Leave the power off until you get your POCO out there and work with your local lineman, I got to know a local POCO guy here due to dealing with this kinda 'service work'.
He said they often use the old cheap alloy's of AL wire that the NEC no longer allows, in sizes the NEC would never allow, he tests service laterals with a funny device that looks to be a suitcase of hairdryers I wish I had a photo of it it looks custom made, all the testing is done with the meter out and the main off.
He also has a really nice expensive crimp tool and a new crimp usually fixes it.
 
You need to be onsite when the POCO comes. My experience is they will come and do a quick survey and declare all is good. Make them pull the meter so you can check the connections, then have them physically check their connections from meter to transformer.
I had a few where they came with no one there and declared all was well. They did this a couple of times until I was called in. I waited on them to come and made them pull the meter, and do all their checks. They found a splice point in the underground had failed.

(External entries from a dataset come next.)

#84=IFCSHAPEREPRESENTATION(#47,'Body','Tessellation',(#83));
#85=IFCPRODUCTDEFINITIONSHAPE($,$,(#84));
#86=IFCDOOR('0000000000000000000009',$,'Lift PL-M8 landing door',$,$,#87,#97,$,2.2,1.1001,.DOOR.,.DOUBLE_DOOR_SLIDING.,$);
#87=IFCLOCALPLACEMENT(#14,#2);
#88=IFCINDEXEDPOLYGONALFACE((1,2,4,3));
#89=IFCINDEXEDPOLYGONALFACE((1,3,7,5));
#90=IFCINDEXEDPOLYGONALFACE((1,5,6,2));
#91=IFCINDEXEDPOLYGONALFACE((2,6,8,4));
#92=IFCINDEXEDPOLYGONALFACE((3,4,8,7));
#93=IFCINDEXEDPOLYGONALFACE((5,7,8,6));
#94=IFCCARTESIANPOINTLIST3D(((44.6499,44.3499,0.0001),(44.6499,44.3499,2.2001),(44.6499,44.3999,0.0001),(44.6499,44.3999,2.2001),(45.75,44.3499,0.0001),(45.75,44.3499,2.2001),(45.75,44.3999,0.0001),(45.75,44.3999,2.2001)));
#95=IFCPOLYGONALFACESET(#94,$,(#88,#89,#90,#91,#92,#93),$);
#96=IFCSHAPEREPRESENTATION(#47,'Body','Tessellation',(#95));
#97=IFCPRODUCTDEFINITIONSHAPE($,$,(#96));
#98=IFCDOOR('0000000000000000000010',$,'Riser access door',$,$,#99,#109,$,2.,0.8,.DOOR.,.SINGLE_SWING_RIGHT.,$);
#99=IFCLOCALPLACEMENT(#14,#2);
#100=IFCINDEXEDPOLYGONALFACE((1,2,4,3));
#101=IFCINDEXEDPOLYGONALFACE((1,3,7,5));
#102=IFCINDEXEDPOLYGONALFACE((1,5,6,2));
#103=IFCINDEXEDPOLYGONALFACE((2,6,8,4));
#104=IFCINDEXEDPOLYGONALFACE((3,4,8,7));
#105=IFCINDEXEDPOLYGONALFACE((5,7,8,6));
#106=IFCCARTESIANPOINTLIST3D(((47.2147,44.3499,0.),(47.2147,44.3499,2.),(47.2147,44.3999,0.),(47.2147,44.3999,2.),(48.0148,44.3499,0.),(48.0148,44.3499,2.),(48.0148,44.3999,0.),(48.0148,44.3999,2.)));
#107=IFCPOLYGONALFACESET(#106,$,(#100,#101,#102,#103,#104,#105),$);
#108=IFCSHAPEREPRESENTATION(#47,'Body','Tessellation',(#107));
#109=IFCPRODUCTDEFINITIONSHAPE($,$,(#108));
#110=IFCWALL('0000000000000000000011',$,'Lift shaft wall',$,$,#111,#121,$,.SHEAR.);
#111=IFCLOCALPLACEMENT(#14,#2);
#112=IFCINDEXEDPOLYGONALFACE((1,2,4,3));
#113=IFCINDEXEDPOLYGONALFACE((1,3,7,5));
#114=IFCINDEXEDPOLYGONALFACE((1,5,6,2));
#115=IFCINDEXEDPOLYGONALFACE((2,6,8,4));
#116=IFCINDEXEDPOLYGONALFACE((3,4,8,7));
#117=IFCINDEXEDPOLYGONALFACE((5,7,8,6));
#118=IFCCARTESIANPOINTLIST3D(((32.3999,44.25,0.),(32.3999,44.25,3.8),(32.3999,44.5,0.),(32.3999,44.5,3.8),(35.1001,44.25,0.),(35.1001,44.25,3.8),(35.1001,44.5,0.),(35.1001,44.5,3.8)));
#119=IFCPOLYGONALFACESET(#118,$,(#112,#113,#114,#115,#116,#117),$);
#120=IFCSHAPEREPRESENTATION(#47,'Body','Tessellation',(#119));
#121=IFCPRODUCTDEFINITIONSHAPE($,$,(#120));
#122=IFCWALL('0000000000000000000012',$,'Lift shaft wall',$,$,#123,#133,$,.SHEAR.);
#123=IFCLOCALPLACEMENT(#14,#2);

Moral of the story, don't take POCO's word for it unless you are there!
 
He said they often use the old cheap alloy's of AL wire that the NEC no longer allows, in sizes the NEC would never allow,
Most POCO's do still use aluminum alloys that pre date the AA8000 series that NEC requires. NEC doesn't apply to them, many those connections are still good if done properly and particularly if using high pressure crimped devices. Ampacity of a conductor is different out in free air or underground where ambient usually won't get very high than it is for typical indoor installations. If something out on the pole burns up it isn't seen as being as much of a threat as if you have similar circumstance within a building, so they do have some different practices than what NEC requires because of this kind of thing as well.
 
More than once I've had to tell the POCO guys to check the voltages with the main breaker ON.

Years ago, a customer had open-neutral syndrome, and the POCO swore I was wrong . . . until I told them to go back back and test it with the main breaker on. :rolleyes:

They repaired the underground break (aluminum oxide about 2' long) the same day.